No treatment-related effects were detected in mating performance, fertility and gestation lengths.

No treatment-related significant effects were noted on offspring litter size, sex ratio, viability, growth and development:

- no significant differences were detected for implantation losses or litter size for treated animals when compared to controls;

- no adverse effects were detected in offspring weights or subsequent litter viability;

- there were no intergroup differences in sex ratio (percentage male offspring) for litters from treated groups compared to controls;

- no toxicologically significant effects were detected in offspring body weight gain or litter weights at birth and subsequently on Days 1, 4 and 7 post partum;

- no obvious clinical signs of toxicity were detected for offspring from treated females when compared to controls.

Under the test conditions, the NOAEL of nopyl acetate for systemic toxicity was considered to be 3000 ppm (180.2 mg/kg bw/day) for females and for males (when excluding the sex and species, specific kidney effects in male rats are not relevant for human risk assessment). The NOAEL for reproductive toxicity and developmental toxicity was considered to be 9000 ppm (478.5 mg/kg bw/day).

No signs of toxicity to development were identified in this study, therefore no further testing is deemed necessary.


Justification for selection of Effect on developmental toxicity: via oral route:
One reproduction / developmental screening study showing no adverse effect on development is available (Iuclid section §7.8.1). A waiver is therefore submitted for this endpoint.

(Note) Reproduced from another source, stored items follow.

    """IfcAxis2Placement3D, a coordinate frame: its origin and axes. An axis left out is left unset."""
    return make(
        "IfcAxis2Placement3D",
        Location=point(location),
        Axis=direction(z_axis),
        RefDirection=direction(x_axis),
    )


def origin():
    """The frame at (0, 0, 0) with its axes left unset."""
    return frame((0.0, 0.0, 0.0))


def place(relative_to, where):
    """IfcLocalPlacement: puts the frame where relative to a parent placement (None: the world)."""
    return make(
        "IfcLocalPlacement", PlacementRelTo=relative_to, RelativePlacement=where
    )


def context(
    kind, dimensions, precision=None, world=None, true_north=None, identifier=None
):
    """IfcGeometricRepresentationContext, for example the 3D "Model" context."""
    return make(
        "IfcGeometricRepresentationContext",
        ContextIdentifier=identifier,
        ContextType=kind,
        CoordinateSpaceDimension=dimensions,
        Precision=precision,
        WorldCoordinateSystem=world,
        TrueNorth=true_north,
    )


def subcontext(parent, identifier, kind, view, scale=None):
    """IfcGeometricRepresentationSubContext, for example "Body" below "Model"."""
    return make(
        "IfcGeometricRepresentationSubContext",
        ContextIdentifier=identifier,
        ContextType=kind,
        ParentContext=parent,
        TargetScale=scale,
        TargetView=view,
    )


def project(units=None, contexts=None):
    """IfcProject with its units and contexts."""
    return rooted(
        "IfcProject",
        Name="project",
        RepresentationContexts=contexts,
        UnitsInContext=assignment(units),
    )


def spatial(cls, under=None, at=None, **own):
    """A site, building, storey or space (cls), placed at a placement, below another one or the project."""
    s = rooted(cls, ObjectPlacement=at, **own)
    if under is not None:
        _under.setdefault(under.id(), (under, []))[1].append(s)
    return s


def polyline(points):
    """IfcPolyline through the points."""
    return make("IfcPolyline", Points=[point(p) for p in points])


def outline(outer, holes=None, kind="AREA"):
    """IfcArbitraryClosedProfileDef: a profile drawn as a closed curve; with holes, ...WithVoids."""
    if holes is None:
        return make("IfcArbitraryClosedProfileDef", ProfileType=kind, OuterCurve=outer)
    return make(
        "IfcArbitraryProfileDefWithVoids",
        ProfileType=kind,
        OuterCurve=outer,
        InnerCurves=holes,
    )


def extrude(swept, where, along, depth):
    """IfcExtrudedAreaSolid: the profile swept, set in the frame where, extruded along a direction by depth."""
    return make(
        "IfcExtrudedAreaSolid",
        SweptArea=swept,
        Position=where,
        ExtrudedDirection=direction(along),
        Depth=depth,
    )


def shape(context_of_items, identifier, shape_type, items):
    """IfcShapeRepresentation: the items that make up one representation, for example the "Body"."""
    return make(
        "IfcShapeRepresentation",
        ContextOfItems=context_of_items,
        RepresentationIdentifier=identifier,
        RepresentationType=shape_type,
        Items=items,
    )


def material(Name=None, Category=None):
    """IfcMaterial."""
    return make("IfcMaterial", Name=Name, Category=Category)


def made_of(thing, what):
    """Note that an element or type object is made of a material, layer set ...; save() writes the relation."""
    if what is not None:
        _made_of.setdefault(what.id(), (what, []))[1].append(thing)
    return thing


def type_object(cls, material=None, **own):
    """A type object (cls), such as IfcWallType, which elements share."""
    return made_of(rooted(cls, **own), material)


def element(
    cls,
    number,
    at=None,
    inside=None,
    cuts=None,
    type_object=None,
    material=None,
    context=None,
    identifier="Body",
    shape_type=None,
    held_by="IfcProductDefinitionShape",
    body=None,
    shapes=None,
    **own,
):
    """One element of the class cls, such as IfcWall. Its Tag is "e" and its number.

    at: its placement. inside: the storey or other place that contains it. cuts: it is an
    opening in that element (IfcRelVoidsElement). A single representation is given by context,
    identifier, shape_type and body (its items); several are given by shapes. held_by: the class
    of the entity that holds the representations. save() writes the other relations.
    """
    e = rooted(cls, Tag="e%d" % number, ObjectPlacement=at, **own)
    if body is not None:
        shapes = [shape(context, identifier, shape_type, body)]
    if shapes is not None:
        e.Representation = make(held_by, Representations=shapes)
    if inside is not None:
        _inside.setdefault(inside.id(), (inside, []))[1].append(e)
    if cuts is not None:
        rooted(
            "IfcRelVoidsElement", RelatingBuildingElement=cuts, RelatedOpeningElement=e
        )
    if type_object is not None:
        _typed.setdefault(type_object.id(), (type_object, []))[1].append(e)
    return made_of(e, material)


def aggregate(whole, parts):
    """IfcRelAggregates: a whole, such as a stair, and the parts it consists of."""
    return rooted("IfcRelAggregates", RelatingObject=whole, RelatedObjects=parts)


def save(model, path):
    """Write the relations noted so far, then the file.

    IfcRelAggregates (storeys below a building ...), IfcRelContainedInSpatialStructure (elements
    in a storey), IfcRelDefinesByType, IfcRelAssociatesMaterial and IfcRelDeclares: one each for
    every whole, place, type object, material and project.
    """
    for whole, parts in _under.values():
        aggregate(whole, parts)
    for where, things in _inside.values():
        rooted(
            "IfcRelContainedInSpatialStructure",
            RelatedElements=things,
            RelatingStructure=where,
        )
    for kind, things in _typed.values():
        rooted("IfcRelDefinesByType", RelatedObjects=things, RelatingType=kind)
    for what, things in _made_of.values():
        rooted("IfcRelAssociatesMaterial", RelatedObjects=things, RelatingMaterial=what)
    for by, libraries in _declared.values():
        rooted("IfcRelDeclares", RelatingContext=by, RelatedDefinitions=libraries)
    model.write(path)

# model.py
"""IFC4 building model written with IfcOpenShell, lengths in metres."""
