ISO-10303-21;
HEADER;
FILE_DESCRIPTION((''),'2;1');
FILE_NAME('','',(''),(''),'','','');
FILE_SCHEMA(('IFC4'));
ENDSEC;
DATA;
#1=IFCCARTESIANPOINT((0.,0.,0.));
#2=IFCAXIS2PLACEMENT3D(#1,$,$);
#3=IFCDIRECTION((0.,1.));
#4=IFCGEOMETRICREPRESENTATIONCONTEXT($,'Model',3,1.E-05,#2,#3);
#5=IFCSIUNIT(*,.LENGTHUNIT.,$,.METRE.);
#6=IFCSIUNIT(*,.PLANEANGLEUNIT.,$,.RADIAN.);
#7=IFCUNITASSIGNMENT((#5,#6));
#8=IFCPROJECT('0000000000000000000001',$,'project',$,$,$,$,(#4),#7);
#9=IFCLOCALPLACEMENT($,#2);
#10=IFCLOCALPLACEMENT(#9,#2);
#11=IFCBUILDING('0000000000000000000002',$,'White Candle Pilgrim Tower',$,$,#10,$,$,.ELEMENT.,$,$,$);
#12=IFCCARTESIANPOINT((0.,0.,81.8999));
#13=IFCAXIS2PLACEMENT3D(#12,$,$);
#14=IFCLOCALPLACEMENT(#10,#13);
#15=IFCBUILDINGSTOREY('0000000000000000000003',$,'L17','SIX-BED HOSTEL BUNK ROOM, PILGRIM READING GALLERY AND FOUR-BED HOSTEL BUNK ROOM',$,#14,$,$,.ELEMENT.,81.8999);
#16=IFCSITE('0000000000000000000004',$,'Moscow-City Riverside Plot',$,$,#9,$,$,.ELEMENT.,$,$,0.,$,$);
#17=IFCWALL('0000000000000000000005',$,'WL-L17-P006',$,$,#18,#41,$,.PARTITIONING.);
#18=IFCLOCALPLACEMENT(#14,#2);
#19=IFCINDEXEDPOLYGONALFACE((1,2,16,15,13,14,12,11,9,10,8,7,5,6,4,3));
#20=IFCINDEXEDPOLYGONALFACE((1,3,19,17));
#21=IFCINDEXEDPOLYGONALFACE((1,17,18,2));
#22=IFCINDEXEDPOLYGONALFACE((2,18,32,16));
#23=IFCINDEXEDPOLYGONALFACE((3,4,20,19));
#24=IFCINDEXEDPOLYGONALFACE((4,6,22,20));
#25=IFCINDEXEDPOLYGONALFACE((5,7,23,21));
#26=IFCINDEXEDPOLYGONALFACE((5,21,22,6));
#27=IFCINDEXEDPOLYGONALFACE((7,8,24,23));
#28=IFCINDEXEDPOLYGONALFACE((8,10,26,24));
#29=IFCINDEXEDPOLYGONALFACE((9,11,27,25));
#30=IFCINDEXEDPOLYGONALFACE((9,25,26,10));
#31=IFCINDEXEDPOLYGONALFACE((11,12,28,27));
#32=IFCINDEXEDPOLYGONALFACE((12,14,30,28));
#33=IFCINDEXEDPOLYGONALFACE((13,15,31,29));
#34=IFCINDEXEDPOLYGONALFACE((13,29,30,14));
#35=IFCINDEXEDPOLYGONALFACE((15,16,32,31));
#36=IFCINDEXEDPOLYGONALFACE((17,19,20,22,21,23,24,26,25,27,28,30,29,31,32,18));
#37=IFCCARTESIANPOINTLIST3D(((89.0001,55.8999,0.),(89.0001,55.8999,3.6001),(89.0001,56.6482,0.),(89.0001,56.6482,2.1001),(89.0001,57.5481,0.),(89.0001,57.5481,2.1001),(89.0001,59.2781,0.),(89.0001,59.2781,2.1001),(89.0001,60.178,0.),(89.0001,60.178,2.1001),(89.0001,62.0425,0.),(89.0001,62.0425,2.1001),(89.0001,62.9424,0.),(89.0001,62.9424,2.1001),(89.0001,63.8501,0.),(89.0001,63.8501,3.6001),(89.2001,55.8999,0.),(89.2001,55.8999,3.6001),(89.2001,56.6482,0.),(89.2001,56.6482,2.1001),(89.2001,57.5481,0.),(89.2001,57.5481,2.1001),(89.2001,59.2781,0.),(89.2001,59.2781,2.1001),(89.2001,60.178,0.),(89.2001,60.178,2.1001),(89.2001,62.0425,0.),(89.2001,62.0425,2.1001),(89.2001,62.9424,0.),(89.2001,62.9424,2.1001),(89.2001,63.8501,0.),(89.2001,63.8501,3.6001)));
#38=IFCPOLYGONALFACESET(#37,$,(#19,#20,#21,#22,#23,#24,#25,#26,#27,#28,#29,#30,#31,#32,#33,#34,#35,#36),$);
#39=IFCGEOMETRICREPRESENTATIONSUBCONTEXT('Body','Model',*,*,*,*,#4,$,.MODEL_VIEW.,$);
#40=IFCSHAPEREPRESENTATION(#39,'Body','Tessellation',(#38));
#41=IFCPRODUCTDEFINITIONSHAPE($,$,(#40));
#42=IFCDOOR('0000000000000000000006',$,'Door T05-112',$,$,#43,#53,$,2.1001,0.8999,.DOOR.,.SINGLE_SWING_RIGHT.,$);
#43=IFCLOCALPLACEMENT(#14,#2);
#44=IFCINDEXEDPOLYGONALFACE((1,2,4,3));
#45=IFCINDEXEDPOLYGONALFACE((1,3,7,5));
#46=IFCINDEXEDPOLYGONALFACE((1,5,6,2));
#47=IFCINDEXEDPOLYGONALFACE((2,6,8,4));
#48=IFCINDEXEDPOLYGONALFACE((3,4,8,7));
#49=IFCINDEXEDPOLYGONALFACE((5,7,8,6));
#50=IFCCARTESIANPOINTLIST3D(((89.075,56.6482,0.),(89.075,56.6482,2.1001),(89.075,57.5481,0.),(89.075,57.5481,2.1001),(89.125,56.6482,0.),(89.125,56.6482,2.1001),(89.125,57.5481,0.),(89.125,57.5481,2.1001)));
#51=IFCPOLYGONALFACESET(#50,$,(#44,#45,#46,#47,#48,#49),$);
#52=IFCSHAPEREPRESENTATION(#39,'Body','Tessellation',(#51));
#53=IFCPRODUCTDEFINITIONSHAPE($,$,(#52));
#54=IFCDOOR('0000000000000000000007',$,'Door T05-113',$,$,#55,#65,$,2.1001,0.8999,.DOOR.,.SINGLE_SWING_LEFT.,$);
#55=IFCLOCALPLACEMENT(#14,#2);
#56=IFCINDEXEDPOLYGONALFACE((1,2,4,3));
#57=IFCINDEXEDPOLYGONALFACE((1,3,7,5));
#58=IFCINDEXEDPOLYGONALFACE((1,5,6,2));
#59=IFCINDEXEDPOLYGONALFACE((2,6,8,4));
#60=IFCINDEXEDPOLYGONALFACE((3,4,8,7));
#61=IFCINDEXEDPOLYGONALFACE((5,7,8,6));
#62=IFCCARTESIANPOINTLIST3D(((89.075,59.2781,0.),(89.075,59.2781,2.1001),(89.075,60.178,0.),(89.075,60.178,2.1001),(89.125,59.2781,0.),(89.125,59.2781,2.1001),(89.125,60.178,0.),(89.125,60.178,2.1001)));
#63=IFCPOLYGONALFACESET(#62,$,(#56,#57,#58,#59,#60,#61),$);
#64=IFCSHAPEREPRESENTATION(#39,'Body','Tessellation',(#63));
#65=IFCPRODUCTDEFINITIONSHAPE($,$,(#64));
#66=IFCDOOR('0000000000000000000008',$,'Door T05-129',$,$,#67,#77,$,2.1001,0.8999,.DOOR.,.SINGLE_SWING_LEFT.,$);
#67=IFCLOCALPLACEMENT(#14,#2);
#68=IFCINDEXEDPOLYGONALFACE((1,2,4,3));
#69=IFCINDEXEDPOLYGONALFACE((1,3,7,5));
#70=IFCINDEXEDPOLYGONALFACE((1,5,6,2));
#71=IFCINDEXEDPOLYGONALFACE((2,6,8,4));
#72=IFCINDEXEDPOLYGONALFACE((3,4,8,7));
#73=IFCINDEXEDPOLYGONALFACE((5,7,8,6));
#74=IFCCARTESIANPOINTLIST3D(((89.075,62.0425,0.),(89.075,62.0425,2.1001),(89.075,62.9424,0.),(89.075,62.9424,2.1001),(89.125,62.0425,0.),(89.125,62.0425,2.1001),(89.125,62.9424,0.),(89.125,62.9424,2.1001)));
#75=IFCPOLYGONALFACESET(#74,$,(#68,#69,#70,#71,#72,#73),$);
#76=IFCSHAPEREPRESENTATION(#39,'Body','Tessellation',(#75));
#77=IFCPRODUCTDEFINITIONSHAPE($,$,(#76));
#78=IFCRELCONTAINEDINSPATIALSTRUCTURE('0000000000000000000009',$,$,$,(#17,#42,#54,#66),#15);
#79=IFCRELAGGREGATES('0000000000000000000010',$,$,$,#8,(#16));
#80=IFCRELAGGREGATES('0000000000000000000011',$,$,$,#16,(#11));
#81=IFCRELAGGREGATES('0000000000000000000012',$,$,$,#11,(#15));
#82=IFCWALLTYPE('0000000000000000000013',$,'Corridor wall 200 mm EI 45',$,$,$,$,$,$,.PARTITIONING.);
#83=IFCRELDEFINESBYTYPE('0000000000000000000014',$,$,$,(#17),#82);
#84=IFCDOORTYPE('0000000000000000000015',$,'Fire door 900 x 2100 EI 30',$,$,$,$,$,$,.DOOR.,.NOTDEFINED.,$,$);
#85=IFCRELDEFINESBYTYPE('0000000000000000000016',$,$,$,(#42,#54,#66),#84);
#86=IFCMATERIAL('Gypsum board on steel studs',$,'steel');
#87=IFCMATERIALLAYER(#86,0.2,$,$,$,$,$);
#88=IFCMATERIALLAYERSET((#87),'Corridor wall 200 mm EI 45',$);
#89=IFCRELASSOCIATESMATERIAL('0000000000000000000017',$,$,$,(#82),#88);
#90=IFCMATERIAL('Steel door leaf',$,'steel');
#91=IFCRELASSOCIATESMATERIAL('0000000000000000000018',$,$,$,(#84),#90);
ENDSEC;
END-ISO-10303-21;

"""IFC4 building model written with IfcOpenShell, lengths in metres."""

from ifc_helpers import new_model, si_unit, direction, frame, frame_2d, origin, place, context, subcontext, project, spatial, rectangle, extrude, material, layer, layer_set, type_object, element, fill, save


model = new_model("IFC4")

# Units and contexts
model_context = context("Model", 3, precision=1e-05, world=origin(), true_north=direction((0.0, 1.0)))
body_context = subcontext(model_context, "Body", "Model", "MODEL_VIEW")
ifc_project = project(units=[si_unit("LENGTHUNIT", "METRE"), si_unit("PLANEANGLEUNIT", "RADIAN")], contexts=[model_context])

# Site, building, storey
site_placement = place(None, origin())
site = spatial("IfcSite", under=ifc_project, at=site_placement, Name="Moscow-City Riverside Plot", CompositionType="ELEMENT", RefElevation=0.0)
building_placement = place(site_placement, origin())
building = spatial("IfcBuilding", under=site, at=building_placement, Name="White Candle Pilgrim Tower", CompositionType="ELEMENT")
storey_placement = place(building_placement, frame((0.0, 0.0, 81.8999)))
storey = spatial("IfcBuildingStorey", under=building, at=storey_placement, Name="L17", Description="SIX-BED HOSTEL BUNK ROOM, PILGRIM READING GALLERY AND FOUR-BED HOSTEL BUNK ROOM", CompositionType="ELEMENT", Elevation=81.8999)

# Wall, openings, doors
ifc_material_1 = material(Name="Gypsum board on steel studs", Category="steel")
ifc_layer_1 = layer(ifc_material_1, 0.2)
ifc_layer_set_1 = layer_set([ifc_layer_1], Name="Corridor wall 200 mm EI 45")
wall_type_1 = type_object("IfcWallType", Name="Corridor wall 200 mm EI 45", PredefinedType="PARTITIONING", material=ifc_layer_set_1)
wall_1_placement = place(storey_placement, frame((89.1001, 63.8501, 0.0), z_axis=(0.0, 0.0, 1.0), x_axis=(0.0, -1.0, 0.0)))
wall_1 = element("IfcWall", 1, at=wall_1_placement, inside=storey, type_object=wall_type_1, Name="WL-L17-P006", PredefinedType="PARTITIONING", context=body_context, shape_type="SweptSolid", body=[
    extrude(rectangle(XDim=7.9502, YDim=0.2, at=frame_2d((3.9751, 0.0))), origin(), (0.0, 0.0, 1.0), 3.6001),
])
opening_1_placement = place(wall_1_placement, frame((6.302, 0.0, 0.0)))
opening_1 = element("IfcOpeningElement", 2, at=opening_1_placement, cuts=wall_1, PredefinedType="OPENING", context=body_context, shape_type="SweptSolid", body=[
    extrude(rectangle(XDim=0.8999, YDim=2.1001, at=frame_2d((0.45, 1.05))), frame((0.0, 0.1099, 0.0), z_axis=(0.0, -1.0, 0.0), x_axis=(1.0, 0.0, 0.0)), (0.0, 0.0, 1.0), 0.22),
])
opening_2_placement = place(wall_1_placement, frame((3.6721, 0.0, 0.0)))
opening_2 = element("IfcOpeningElement", 3, at=opening_2_placement, cuts=wall_1, PredefinedType="OPENING", context=body_context, shape_type="SweptSolid", body=[
    extrude(rectangle(XDim=0.8999, YDim=2.1001, at=frame_2d((0.45, 1.05))), frame((0.0, 0.1099, 0.0), z_axis=(0.0, -1.0, 0.0), x_axis=(1.0, 0.0, 0.0)), (0.0, 0.0, 1.0), 0.22),
])
opening_3_placement = place(wall_1_placement, frame((0.9077, 0.0, 0.0)))
opening_3 = element("IfcOpeningElement", 4, at=opening_3_placement, cuts=wall_1, PredefinedType="OPENING", context=body_context, shape_type="SweptSolid", body=[
    extrude(rectangle(XDim=0.8999, YDim=2.1001, at=frame_2d((0.45, 1.05))), frame((0.0, 0.1099, 0.0), z_axis=(0.0, -1.0, 0.0), x_axis=(1.0, 0.0, 0.0)), (0.0, 0.0, 1.0), 0.22),
])
ifc_material_2 = material(Name="Steel door leaf", Category="steel")
door_type_1 = type_object("IfcDoorType", Name="Fire door 900 x 2100 EI 30", OperationType="NOTDEFINED", PredefinedType="DOOR", material=ifc_material_2)
door_1_placement = place(opening_1_placement, origin())
door_1 = element("IfcDoor", 5, at=door_1_placement, inside=storey, type_object=door_type_1, Name="Door T05-112", OperationType="SINGLE_SWING_RIGHT", OverallHeight=2.1001, OverallWidth=0.8999, PredefinedType="DOOR", context=body_context, shape_type="SweptSolid", body=[
    extrude(rectangle(XDim=0.8999, YDim=2.1001, at=frame_2d((0.45, 1.05))), frame((0.0, 0.0249, 0.0), z_axis=(0.0, -1.0, 0.0), x_axis=(1.0, 0.0, 0.0)), (0.0, 0.0, 1.0), 0.05),
])
fill(opening_1, door_1)
door_2_placement = place(opening_2_placement, origin())
door_2 = element("IfcDoor", 6, at=door_2_placement, inside=storey, type_object=door_type_1, Name="Door T05-113", OperationType="SINGLE_SWING_LEFT", OverallHeight=2.1001, OverallWidth=0.8999, PredefinedType="DOOR", context=body_context, shape_type="SweptSolid", body=[
    extrude(rectangle(XDim=0.8999, YDim=2.1001, at=frame_2d((0.45, 1.05))), frame((0.0, 0.0249, 0.0), z_axis=(0.0, -1.0, 0.0), x_axis=(1.0, 0.0, 0.0)), (0.0, 0.0, 1.0), 0.05),
])
fill(opening_2, door_2)
door_3_placement = place(opening_3_placement, origin())
door_3 = element("IfcDoor", 7, at=door_3_placement, inside=storey, type_object=door_type_1, Name="Door T05-129", OperationType="SINGLE_SWING_LEFT", OverallHeight=2.1001, OverallWidth=0.8999, PredefinedType="DOOR", context=body_context, shape_type="SweptSolid", body=[
    extrude(rectangle(XDim=0.8999, YDim=2.1001, at=frame_2d((0.45, 1.05))), frame((0.0, 0.0249, 0.0), z_axis=(0.0, -1.0, 0.0), x_axis=(1.0, 0.0, 0.0)), (0.0, 0.0, 1.0), 0.05),
])
fill(opening_3, door_3)

save(model, "model.ifc")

Justification for classification or non-classification

In a recent GLP combined repeated dose toxicity with reproduction / developmental toxicity screening test conducted with nopyl acetate according to OECD 422 Guideline, no signs of toxicity to reproduction that could be attributable to the test item were identified in male and female rats. No effects were identified on offspring of female rats exposed by diet from 2 weeks before mating until Day 7 of lactation.

Therefore, nopyl acetate is not classified for reproduction and developmental toxicity according to Directive 67/548/EEC and CLP Regulation (EC) No 1272 /2008.